Unnamed: 0,Grocery_Store,Bakery,Fish_Market,Shopping_Mall,Organic_Grocery
High-Park Swansea (Indian),2.581847,3.957517,3.976506,2.259624,2.593617
Palmerston-Little Italy (Indian),3.254022,2.985257,3.001971,2.061828,3.266159
Palmerston-Little Italy (Indian),3.117174,3.093872,3.111153,2.086341,3.12933
Caledonia-Fairbank (Falafel),2.47072,4.003154,4.022444,2.370989,2.482428
High-Park Swansea (Falafel),2.159232,3.378753,3.399106,2.836182,2.171395


Analyzing the distance matrix from the shortlisted locations and nearby Eastern restaurants, we suggest to Mr.
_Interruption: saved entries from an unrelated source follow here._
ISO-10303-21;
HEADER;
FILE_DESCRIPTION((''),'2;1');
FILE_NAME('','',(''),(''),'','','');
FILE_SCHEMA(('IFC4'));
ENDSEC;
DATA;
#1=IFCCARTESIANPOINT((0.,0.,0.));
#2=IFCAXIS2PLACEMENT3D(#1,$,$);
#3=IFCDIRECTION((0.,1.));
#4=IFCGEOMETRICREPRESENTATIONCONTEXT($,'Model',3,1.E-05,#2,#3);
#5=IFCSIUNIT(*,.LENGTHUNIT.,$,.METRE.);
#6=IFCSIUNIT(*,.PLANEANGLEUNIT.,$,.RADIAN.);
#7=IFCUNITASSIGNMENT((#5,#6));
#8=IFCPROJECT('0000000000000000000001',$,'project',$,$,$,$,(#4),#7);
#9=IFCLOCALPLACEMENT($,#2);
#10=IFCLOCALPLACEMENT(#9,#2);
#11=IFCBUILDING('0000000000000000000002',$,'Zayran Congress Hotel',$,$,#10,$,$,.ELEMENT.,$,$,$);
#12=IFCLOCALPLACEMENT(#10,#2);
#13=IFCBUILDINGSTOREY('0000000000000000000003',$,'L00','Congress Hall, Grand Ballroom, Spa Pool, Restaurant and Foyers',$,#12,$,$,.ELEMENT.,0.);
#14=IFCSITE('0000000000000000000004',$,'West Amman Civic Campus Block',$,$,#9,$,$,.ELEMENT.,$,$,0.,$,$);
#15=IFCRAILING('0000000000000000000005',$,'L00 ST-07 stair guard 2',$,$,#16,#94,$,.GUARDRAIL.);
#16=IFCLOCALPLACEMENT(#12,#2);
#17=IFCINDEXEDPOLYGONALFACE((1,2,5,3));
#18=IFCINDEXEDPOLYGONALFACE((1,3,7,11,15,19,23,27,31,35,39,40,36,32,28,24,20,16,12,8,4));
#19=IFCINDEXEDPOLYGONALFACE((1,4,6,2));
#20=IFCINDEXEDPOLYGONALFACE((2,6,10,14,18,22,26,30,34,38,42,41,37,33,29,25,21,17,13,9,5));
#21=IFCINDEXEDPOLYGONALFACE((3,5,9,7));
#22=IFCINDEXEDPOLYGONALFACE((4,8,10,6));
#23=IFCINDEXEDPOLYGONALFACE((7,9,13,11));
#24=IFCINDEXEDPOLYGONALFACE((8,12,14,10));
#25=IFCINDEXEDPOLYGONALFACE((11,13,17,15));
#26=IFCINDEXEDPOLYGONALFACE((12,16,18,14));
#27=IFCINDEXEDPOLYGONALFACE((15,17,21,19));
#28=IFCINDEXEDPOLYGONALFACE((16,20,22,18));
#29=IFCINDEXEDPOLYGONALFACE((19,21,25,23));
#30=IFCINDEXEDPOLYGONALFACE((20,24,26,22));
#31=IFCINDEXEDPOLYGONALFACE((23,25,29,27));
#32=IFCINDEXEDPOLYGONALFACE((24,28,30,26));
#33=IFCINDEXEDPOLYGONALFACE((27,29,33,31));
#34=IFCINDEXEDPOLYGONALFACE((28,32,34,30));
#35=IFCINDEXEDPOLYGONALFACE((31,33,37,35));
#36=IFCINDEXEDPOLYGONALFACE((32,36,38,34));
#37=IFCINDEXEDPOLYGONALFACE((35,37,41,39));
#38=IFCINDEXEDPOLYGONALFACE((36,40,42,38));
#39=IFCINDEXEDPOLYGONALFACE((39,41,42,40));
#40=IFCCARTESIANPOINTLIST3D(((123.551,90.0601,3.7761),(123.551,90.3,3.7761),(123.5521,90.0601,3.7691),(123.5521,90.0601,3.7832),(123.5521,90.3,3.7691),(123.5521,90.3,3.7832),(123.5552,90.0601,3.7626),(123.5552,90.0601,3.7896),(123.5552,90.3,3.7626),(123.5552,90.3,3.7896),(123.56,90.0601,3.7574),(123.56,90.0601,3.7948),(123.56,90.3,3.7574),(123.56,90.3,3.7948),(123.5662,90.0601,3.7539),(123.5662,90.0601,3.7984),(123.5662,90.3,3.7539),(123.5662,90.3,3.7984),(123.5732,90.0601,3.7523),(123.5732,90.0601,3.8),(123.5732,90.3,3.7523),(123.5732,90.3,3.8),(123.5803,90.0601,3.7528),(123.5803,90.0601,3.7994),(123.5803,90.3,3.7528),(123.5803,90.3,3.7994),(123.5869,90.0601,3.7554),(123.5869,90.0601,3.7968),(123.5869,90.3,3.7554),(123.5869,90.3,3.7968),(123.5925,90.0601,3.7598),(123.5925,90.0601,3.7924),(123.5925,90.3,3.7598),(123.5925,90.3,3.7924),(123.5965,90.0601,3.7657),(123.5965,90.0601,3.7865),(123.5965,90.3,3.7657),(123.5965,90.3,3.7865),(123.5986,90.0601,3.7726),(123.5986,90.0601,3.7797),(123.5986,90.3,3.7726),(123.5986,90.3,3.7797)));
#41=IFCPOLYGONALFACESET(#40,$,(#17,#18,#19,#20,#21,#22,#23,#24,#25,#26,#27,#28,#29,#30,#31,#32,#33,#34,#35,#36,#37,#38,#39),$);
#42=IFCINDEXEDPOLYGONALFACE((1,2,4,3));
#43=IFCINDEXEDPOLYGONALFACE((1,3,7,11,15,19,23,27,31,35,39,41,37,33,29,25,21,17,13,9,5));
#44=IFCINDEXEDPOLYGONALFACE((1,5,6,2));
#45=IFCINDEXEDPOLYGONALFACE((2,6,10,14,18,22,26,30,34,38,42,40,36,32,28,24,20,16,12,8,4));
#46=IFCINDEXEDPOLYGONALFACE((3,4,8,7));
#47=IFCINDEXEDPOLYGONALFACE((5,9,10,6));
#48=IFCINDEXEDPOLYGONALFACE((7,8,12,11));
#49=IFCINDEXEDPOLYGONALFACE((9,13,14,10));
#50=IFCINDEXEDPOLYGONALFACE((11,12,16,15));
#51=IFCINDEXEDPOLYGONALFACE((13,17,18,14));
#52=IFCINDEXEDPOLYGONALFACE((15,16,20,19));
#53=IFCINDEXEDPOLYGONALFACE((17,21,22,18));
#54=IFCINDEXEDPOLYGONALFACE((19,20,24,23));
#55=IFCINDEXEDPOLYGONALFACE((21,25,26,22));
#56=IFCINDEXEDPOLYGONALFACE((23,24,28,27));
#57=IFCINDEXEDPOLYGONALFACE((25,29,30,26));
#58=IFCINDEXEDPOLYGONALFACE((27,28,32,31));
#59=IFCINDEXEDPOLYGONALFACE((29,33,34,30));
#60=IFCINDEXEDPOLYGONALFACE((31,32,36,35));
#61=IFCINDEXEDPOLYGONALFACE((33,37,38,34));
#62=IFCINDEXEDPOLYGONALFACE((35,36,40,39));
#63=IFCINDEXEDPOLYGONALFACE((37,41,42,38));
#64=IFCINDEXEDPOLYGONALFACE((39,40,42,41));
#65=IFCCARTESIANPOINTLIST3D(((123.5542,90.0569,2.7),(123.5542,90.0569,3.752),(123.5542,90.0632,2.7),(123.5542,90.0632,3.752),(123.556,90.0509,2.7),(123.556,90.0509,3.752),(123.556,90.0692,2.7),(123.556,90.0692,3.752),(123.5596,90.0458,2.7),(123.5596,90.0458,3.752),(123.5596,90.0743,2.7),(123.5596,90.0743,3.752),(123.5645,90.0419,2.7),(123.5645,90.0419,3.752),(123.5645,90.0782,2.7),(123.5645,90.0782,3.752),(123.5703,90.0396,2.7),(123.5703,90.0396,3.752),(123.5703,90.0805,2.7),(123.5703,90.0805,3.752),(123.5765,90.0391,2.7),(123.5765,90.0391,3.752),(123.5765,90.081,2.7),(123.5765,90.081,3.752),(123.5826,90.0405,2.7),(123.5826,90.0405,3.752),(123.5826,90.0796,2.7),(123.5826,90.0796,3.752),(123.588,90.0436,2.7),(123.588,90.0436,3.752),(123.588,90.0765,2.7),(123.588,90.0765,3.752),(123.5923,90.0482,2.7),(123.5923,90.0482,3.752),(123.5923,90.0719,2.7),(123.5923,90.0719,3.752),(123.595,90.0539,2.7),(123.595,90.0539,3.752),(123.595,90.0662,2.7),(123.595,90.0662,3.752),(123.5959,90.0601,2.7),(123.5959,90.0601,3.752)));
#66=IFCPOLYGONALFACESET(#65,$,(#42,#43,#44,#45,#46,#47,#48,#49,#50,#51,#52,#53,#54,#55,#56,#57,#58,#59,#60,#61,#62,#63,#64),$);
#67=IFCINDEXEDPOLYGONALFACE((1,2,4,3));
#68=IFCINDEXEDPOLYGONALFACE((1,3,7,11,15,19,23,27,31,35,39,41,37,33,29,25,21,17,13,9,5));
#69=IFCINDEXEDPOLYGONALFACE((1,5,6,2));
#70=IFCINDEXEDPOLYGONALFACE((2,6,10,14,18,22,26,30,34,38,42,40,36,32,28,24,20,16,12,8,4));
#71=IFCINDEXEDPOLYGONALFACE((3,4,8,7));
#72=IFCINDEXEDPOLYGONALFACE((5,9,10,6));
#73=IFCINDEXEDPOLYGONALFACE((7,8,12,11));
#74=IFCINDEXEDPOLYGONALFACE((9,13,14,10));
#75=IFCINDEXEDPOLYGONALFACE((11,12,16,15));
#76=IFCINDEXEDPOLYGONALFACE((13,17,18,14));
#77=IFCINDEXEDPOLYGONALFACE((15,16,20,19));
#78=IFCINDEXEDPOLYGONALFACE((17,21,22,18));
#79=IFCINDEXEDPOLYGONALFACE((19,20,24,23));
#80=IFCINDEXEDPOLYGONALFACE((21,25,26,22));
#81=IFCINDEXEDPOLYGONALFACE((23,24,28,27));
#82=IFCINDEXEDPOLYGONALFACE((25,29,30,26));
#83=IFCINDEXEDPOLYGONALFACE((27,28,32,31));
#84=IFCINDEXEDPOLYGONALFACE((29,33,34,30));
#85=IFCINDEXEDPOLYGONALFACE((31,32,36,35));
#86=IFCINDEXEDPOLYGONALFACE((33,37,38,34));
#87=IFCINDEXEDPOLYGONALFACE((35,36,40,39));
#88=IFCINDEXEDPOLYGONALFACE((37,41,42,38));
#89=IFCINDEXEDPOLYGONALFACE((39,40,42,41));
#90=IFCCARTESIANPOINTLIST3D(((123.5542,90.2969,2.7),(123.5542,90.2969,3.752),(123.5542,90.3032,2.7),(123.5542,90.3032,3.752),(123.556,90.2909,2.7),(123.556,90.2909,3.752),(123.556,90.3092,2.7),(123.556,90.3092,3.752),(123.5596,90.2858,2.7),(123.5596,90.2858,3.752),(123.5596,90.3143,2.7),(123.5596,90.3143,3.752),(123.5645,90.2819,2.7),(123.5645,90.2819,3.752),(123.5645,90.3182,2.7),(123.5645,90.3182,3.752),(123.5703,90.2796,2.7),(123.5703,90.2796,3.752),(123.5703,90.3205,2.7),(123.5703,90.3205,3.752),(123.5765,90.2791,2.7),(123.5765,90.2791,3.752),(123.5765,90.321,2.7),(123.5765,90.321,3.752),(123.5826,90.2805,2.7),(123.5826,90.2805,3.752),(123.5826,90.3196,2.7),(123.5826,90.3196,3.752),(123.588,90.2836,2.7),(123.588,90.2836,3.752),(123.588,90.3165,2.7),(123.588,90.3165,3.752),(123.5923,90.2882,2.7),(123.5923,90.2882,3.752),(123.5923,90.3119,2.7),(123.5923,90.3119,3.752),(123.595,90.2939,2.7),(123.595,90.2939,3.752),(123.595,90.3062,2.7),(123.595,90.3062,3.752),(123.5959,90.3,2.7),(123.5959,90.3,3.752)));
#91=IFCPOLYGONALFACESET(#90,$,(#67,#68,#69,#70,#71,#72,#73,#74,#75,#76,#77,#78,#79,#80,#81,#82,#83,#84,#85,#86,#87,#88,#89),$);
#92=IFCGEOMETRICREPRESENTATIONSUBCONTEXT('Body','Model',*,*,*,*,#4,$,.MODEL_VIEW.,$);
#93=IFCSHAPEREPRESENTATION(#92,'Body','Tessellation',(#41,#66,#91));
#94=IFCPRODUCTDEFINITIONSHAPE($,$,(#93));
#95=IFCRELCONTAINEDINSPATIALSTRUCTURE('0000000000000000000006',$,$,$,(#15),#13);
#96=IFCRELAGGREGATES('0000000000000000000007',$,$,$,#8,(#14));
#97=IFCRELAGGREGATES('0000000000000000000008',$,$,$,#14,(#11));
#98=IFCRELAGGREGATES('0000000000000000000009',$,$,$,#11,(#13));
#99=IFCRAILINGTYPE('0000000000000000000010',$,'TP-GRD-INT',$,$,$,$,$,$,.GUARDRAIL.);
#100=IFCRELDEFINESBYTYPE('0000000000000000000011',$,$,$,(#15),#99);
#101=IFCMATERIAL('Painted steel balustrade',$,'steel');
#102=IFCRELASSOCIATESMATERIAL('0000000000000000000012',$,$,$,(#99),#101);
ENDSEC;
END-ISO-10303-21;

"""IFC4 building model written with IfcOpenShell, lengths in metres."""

from ifc_helpers import new_model, si_unit, direction, frame, origin, origin_2d, place, context, subcontext, project, spatial, circle, extrude, material, type_object, element, save


model = new_model("IFC4")

# Units and contexts
model_context = context("Model", 3, precision=1e-05, world=origin(), true_north=direction((0.0, 1.0)))
body_context = subcontext(model_context, "Body", "Model", "MODEL_VIEW")
ifc_project = project(units=[si_unit("LENGTHUNIT", "METRE"), si_unit("PLANEANGLEUNIT", "RADIAN")], contexts=[model_context])

# Site, building, storey
site_placement = place(None, origin())
site = spatial("IfcSite", under=ifc_project, at=site_placement, Name="West Amman Civic Campus Block", CompositionType="ELEMENT", RefElevation=0.0)
building_placement = place(site_placement, origin())
building = spatial("IfcBuilding", under=site, at=building_placement, Name="Zayran Congress Hotel", CompositionType="ELEMENT")
storey_placement = place(building_placement, origin())
storey = spatial("IfcBuildingStorey", under=building, at=storey_placement, Name="L00", Description="Congress Hall, Grand Ballroom, Spa Pool, Restaurant and Foyers", CompositionType="ELEMENT", Elevation=0.0)

# Railing
ifc_material_1 = material(Name="Painted steel balustrade", Category="steel")
railing_type_1 = type_object("IfcRailingType", Name="TP-GRD-INT", PredefinedType="GUARDRAIL", material=ifc_material_1)
railing_1_placement = place(storey_placement, frame((123.575, 90.0601, 2.7)))
element("IfcRailing", 1, at=railing_1_placement, inside=storey, type_object=railing_type_1, Name="L00 ST-07 stair guard 2", PredefinedType="GUARDRAIL", context=body_context, shape_type="SweptSolid", body=[
    extrude(circle(Radius=0.0239, at=origin_2d()), frame((0.0, 0.0, 1.0762), z_axis=(0.0, 1.0, 0.0), x_axis=(-1.0, 0.0, 0.0)), (0.0, 0.0, 1.0), 0.24),
    extrude(circle(Radius=0.021, at=origin_2d()), origin(), (0.0, 0.0, 1.0), 1.052),
    extrude(circle(Radius=0.021, at=origin_2d()), frame((0.0, 0.24, 0.0)), (0.0, 0.0, 1.0), 1.052),
])

save(model, "model.ifc")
Arif two things:
1. If he wants to be nearer to the locations of the Eastern restaurants, then he may try to find a land near the Grocery_Store, Shopping_Mall or the Organic_Grocery.
2. Otherwise, if he wants to keep a greater distance to other Eastern restaurants, he may try to find a place near the Bakery or the Fish_Market.

Saying he would not want to be too far away from the area where people prefer Eastern food, he decides to buy a place near the Grocery_Store.

Thanks for viewing my assignment!

After all, Mr. Arif in this assignment is a fictitious character.